With lead Syrian elements of 85th Mechanized and 81st Armored just 750 meters from the edge of the table (upper left), Israeli reserves and Damon’s redeployed tanks off of Booster Ridge to the south are arriving just in time to seal this possible breach.
Seriously, JUST in time, I was within inches of winning the game right here.
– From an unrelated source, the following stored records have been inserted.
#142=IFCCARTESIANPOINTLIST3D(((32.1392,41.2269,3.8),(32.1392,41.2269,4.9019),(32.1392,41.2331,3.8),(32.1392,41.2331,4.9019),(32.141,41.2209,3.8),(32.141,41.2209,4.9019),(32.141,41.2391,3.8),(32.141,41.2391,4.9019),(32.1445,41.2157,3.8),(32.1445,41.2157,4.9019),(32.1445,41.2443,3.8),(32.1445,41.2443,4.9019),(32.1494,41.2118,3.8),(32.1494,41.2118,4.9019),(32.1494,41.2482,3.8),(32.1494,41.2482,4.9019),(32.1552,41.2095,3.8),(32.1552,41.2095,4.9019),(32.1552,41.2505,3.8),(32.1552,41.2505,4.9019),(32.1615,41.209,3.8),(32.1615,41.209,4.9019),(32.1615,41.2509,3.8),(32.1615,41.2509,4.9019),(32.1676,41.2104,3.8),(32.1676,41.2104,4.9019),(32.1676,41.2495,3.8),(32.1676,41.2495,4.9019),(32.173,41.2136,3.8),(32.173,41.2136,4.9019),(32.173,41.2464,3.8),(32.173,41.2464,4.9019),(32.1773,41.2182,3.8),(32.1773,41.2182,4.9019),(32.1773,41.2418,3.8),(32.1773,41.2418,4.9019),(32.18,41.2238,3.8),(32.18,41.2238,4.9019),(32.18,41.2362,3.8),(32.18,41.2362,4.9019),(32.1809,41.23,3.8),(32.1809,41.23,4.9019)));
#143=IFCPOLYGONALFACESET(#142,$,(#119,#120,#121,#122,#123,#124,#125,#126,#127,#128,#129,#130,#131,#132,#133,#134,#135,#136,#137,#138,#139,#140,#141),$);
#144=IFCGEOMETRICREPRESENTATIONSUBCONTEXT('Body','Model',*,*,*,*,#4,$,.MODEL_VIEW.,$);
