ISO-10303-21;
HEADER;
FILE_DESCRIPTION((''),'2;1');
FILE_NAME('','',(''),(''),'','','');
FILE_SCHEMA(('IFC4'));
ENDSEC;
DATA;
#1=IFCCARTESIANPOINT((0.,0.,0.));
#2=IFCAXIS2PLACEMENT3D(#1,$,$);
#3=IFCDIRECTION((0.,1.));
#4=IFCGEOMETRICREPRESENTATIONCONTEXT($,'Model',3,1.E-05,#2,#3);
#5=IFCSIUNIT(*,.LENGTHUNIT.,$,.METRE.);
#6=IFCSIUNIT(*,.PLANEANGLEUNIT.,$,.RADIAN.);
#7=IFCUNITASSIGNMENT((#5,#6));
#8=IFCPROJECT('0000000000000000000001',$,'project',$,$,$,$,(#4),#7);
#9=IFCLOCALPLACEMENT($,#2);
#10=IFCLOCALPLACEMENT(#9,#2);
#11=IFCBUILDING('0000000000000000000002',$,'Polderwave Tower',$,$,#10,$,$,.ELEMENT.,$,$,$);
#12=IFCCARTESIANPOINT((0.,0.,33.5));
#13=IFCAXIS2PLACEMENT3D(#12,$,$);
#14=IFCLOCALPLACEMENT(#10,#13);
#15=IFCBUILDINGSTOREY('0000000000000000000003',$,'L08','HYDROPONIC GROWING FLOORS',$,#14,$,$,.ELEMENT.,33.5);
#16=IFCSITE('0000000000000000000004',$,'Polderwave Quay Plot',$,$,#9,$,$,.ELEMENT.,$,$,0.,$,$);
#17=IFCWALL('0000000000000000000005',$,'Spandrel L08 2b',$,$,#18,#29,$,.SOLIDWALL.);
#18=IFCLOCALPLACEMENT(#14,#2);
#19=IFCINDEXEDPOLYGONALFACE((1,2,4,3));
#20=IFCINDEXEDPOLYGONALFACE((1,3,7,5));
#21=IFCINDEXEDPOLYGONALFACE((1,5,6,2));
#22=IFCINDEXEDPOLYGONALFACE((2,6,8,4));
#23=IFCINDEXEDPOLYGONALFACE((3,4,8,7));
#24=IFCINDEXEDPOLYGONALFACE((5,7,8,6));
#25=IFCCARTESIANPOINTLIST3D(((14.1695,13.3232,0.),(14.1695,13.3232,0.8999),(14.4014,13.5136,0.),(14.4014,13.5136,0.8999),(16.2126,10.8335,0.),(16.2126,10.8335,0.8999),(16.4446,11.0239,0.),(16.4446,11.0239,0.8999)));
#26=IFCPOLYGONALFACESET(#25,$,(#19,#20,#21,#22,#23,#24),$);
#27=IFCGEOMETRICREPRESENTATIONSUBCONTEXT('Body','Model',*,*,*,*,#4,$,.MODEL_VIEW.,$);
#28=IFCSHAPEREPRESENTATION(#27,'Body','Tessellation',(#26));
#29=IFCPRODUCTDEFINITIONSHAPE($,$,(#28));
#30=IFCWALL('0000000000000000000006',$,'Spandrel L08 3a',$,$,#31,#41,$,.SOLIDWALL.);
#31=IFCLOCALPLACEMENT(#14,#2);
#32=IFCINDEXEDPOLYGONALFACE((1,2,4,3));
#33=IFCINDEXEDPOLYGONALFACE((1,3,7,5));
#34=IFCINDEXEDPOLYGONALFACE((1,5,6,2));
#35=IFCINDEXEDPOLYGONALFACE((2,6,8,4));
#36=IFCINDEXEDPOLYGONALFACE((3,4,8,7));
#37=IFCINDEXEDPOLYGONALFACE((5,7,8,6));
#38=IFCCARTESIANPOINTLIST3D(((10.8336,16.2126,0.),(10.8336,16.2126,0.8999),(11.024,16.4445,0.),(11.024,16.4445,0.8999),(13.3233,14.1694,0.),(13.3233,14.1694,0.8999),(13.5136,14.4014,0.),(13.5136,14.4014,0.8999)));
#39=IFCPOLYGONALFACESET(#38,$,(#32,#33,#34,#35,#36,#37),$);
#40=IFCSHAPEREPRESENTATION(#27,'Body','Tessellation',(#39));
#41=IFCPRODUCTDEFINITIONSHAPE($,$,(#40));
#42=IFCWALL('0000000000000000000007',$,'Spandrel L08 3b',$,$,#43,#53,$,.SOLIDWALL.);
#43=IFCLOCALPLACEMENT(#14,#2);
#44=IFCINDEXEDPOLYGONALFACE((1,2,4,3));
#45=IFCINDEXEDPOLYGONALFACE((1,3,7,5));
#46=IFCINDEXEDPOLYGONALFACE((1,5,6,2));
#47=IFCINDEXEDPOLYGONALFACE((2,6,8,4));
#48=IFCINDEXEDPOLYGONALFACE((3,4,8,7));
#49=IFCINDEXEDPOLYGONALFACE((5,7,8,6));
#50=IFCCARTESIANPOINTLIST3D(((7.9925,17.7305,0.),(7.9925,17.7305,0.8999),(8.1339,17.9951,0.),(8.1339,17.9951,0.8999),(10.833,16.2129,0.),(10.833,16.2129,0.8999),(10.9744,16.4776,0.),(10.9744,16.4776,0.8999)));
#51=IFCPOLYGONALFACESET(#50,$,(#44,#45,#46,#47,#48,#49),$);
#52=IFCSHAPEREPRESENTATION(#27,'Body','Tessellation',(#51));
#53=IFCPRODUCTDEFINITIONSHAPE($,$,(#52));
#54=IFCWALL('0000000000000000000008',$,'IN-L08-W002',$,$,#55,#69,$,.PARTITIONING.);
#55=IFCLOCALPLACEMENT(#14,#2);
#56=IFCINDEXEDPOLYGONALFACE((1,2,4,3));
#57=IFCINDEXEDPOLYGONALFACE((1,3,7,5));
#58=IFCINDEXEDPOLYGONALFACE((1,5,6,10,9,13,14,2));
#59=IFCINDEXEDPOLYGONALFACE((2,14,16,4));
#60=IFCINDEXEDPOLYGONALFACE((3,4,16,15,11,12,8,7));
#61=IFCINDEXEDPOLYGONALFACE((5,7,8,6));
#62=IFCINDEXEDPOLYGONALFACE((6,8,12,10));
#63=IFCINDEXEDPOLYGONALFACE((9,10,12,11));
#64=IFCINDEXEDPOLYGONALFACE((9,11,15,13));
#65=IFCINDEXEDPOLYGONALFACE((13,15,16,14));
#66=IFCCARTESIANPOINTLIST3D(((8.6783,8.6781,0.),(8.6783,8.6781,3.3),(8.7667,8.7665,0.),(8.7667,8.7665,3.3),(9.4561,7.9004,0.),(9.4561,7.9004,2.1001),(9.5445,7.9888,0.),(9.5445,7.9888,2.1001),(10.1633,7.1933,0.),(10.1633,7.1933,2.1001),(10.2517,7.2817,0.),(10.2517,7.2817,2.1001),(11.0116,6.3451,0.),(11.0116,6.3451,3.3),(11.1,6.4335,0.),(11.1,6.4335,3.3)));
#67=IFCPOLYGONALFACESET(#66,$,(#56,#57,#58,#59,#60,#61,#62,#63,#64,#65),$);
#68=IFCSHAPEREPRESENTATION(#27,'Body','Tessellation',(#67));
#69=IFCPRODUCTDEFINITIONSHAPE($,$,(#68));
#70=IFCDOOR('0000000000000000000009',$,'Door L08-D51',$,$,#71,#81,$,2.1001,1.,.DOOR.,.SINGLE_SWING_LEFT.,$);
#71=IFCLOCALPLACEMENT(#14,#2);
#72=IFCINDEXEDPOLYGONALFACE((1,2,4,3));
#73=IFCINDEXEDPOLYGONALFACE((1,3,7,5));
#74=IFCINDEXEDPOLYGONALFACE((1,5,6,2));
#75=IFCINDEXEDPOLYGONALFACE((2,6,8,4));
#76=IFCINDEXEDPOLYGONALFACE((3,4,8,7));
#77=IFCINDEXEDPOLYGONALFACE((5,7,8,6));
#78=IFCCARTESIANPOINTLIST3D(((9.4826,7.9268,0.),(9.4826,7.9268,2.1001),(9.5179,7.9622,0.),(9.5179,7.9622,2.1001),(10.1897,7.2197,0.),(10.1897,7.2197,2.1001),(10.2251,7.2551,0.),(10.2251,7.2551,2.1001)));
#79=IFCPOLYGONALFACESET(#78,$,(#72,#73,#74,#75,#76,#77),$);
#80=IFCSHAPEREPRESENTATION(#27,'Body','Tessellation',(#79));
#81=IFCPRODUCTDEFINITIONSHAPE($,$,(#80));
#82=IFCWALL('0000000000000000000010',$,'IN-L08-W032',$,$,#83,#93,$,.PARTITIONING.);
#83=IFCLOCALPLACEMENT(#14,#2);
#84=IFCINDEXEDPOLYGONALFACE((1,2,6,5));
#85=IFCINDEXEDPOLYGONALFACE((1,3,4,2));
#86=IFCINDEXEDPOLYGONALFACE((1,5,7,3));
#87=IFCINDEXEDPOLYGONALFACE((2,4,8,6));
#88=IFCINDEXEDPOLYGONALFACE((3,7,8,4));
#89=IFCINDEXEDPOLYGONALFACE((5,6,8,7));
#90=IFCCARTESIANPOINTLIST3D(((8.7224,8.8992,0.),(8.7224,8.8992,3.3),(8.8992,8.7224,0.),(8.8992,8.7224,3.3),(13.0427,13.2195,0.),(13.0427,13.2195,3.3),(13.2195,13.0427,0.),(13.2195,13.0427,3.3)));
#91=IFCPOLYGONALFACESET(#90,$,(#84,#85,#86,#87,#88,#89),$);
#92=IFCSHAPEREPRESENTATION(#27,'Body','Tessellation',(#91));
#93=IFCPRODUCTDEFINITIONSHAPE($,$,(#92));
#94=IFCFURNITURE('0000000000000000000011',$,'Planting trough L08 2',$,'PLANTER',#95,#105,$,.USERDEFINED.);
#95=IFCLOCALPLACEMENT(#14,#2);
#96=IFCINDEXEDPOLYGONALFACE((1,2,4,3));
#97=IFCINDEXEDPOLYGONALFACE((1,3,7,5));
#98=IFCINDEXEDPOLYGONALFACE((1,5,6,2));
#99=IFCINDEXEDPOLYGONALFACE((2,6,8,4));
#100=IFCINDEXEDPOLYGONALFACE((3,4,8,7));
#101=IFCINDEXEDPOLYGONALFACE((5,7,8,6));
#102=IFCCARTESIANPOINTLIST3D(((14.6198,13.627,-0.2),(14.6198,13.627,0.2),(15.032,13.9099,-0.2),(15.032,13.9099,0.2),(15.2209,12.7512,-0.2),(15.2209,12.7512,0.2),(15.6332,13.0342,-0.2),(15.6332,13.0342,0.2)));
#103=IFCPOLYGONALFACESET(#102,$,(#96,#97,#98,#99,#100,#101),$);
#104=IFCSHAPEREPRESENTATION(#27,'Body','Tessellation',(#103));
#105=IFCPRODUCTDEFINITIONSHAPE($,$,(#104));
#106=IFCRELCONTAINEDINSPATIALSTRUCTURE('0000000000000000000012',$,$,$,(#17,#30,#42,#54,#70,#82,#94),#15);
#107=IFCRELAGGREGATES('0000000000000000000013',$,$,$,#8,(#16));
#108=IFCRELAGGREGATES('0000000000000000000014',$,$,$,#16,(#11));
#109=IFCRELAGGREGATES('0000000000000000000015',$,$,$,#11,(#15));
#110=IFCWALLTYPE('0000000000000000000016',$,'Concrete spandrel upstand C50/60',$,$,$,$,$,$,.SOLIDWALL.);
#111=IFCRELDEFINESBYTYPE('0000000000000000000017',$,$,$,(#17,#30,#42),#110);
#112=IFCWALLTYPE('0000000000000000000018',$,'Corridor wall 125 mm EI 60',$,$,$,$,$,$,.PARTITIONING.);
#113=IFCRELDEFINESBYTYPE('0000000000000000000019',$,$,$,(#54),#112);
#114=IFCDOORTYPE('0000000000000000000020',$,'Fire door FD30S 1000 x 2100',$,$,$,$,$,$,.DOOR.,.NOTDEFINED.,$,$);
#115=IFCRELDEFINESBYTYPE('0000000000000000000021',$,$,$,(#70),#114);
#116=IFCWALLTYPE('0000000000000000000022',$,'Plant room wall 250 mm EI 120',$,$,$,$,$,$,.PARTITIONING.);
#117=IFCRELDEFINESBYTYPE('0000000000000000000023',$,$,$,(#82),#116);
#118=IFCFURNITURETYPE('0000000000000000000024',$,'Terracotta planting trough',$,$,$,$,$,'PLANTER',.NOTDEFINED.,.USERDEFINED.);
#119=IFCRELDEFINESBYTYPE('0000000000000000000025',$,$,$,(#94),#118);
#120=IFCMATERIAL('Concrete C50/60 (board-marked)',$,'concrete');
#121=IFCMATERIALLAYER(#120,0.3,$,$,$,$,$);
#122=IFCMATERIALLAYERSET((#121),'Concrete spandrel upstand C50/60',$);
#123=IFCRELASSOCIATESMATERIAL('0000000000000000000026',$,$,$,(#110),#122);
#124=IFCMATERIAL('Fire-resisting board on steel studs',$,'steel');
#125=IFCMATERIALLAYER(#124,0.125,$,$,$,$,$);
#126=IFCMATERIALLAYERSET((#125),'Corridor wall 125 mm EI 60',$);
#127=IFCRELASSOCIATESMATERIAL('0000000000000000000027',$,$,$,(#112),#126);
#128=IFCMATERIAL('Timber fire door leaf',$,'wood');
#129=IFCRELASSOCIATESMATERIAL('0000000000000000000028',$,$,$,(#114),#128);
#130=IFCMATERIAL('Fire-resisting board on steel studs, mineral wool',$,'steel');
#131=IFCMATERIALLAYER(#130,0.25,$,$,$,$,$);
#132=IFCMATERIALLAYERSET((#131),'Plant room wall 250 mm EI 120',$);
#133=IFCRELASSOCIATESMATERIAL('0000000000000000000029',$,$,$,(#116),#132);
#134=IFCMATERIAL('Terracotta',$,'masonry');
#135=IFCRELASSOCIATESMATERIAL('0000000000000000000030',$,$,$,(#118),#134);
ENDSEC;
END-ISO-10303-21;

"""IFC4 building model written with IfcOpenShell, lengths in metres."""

from ifc_helpers import new_model, si_unit, direction, frame, frame_2d, origin, origin_2d, place, context, subcontext, project, spatial, rectangle, extrude, material, layer, layer_set, type_object, element, fill, save


model = new_model("IFC4")

# Units and contexts
model_context = context("Model", 3, precision=1e-05, world=origin(), true_north=direction((0.0, 1.0)))
body_context = subcontext(model_context, "Body", "Model", "MODEL_VIEW")
ifc_project = project(units=[si_unit("LENGTHUNIT", "METRE"), si_unit("PLANEANGLEUNIT", "RADIAN")], contexts=[model_context])

# Site, building, storey
site_placement = place(None, origin())
site = spatial("IfcSite", under=ifc_project, at=site_placement, Name="Polderwave Quay Plot", CompositionType="ELEMENT", RefElevation=0.0)
building_placement = place(site_placement, origin())
building = spatial("IfcBuilding", under=site, at=building_placement, Name="Polderwave Tower", CompositionType="ELEMENT")
storey_placement = place(building_placement, frame((0.0, 0.0, 33.5)))
storey = spatial("IfcBuildingStorey", under=building, at=storey_placement, Name="L08", Description="HYDROPONIC GROWING FLOORS", CompositionType="ELEMENT", Elevation=33.5)

# Walls
ifc_material_1 = material(Name="Concrete C50/60 (board-marked)", Category="concrete")
ifc_layer_1 = layer(ifc_material_1, 0.3)
ifc_layer_set_1 = layer_set([ifc_layer_1], Name="Concrete spandrel upstand C50/60")
wall_type_1 = type_object("IfcWallType", Name="Concrete spandrel upstand C50/60", PredefinedType="SOLIDWALL", material=ifc_layer_set_1)
for number, where, z_axis, x_axis, name in (
    (1, (16.3286, 10.9287, 0.0), (0.0, 0.0, 1.0), (-0.63438, 0.773021, 0.0), "Spandrel L08 2b"),
    (2, (13.4185, 14.2854, 0.0), (0.0, 0.0, 1.0), (-0.773021, 0.63438, 0.0), "Spandrel L08 3a"),
):
    element("IfcWall", number, at=place(storey_placement, frame(where, z_axis=z_axis, x_axis=x_axis)), inside=storey, type_object=wall_type_1, Name=name, PredefinedType="SOLIDWALL", context=body_context, shape_type="SweptSolid", body=[
        extrude(rectangle(XDim=3.2207, YDim=0.3, at=frame_2d((1.6104, 0.0))), origin(), (0.0, 0.0, 1.0), 0.8999),
    ])
wall_1_placement = place(storey_placement, frame((10.9038, 16.3452, 0.0), z_axis=(0.0, 0.0, 1.0), x_axis=(-0.882017, 0.471218, 0.0)))
element("IfcWall", 3, at=wall_1_placement, inside=storey, type_object=wall_type_1, Name="Spandrel L08 3b", PredefinedType="SOLIDWALL", context=body_context, shape_type="SweptSolid", body=[
    extrude(rectangle(XDim=3.2205, YDim=0.3, at=frame_2d((1.6104, 0.0))), origin(), (0.0, 0.0, 1.0), 0.8999),
])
In his haste, though, Damon moved one platoon of Sho’t Cals in the open atop t he north shoulder of Tel Hermonit ridge, and T-62s of 81st Armored blew them to kingdom come. A massive frontal fusillade also opens fire on another of Kahalani’s platoons on the top of the ridge, including a hail of dreaded AT-3 “Sagger” guided antitank missiles from that infantry battery hidden in Al Qila. I get on the 7:1 odds column on the Combat Results Table, the deadliest there is, but remember that Damon gets a +2 for hull down shielding and a +2 for Improved Positions (historically, tank firing ramps). This means a total +4 defense bonus on my d6 roll. That a very serious modifier, but I get lucky with a “2” and just barely kill that platoon. That’s two platoons down, a full quarter of Damon’s initial force.
The first crack has appeared, and I’ve got my crowbar pushing in deeper every turn . . .
But my “crowbar” is also crumbling and on fire.
Will I run out of tanks before @damon runs out of time?